Root is a struct, containing three fields :

  • Pointer containing the pointer to the current html node
  • NodeValue containing the current html node's value, i.e. the tag name for an ElementNode, or the text in case of a TextNode
  • Error containing an error in a struct if one occurrs, else nil is returned. A detailed text explaination of the error can be accessed using the Error() function.

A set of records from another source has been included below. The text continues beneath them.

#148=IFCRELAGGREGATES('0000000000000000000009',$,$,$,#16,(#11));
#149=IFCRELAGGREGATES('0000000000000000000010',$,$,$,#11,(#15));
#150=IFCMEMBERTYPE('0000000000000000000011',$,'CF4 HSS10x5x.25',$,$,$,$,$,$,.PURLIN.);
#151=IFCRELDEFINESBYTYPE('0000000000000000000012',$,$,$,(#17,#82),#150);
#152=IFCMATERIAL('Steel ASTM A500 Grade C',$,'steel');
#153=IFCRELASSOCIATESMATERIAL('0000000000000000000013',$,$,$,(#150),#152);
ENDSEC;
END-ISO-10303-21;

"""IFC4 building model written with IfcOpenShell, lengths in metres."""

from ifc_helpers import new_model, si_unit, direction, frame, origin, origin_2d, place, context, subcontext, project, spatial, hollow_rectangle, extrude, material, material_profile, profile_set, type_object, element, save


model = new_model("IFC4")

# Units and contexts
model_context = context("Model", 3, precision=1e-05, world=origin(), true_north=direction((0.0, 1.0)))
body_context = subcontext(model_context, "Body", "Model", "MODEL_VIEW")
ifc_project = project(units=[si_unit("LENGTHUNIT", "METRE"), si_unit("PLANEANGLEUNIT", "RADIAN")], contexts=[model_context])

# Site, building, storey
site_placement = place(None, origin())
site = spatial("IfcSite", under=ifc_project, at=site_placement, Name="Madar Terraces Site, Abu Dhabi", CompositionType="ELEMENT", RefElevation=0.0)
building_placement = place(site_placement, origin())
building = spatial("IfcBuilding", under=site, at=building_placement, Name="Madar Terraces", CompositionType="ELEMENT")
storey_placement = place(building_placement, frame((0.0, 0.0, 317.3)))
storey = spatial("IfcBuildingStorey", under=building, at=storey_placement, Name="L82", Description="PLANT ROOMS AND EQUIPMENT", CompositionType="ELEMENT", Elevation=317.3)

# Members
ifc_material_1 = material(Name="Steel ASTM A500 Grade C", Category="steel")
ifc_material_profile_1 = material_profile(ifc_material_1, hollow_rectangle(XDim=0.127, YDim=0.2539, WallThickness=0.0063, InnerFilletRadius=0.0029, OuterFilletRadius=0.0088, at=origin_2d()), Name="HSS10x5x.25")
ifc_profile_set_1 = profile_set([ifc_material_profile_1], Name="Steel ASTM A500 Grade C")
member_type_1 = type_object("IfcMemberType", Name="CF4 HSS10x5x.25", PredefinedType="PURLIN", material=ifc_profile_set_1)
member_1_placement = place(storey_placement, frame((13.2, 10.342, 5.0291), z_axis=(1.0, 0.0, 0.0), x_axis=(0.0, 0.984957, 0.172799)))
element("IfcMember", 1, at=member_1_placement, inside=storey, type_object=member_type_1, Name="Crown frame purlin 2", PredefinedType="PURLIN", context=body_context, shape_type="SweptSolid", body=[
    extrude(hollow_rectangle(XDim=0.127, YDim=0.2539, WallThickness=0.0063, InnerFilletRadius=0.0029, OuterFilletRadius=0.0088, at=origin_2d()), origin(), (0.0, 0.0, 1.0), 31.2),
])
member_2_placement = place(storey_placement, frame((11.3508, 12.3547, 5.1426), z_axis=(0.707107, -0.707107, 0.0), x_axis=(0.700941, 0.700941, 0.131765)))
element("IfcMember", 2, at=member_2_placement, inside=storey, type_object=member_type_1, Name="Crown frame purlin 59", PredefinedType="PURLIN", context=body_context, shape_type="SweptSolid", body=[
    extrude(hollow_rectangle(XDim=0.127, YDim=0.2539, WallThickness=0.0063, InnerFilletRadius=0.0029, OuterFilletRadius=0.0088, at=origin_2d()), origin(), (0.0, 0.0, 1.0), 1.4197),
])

A field Type in this struct of type ErrorType will denote the kind of error that took place, which will consist of either of the following
    • ErrUnableToParse
    • ErrElementNotFound
    • ErrNoNextSibling
    • ErrNoPreviousSibling
    • ErrNoNextElementSibling
    • ErrNoPreviousElementSibling
    • ErrCreatingGetRequest
    • ErrInGetRequest
    • ErrReadingResponse

Installation

Install the package using the command

go get github.com/anaskhan96/soup

Example

An example code is given below to scrape the "Comics I Enjoy" part (text and its links) from xkcd.

More Examples

package main

import (
	"fmt"
	"github.com/anaskhan96/soup"
	"os"
)

func main() {
	resp, err := soup.Get("https://xkcd.com")
	if err != nil {
		os.Exit(1)
	}
	doc := soup.HTMLParse(resp)
	links := doc.Find("div", "id", "comicLinks").FindAll("a")
	for _, link := range links {
		fmt.Println(link.Text(), "| Link :", link.Attrs()["href"])
	}
}

Contributions

This package was developed in my free time. However, contributions from everybody in the community are welcome, to make it a better web scraper. If you think there should be a particular feature or function included in the package, feel free to open up a new issue or pull request.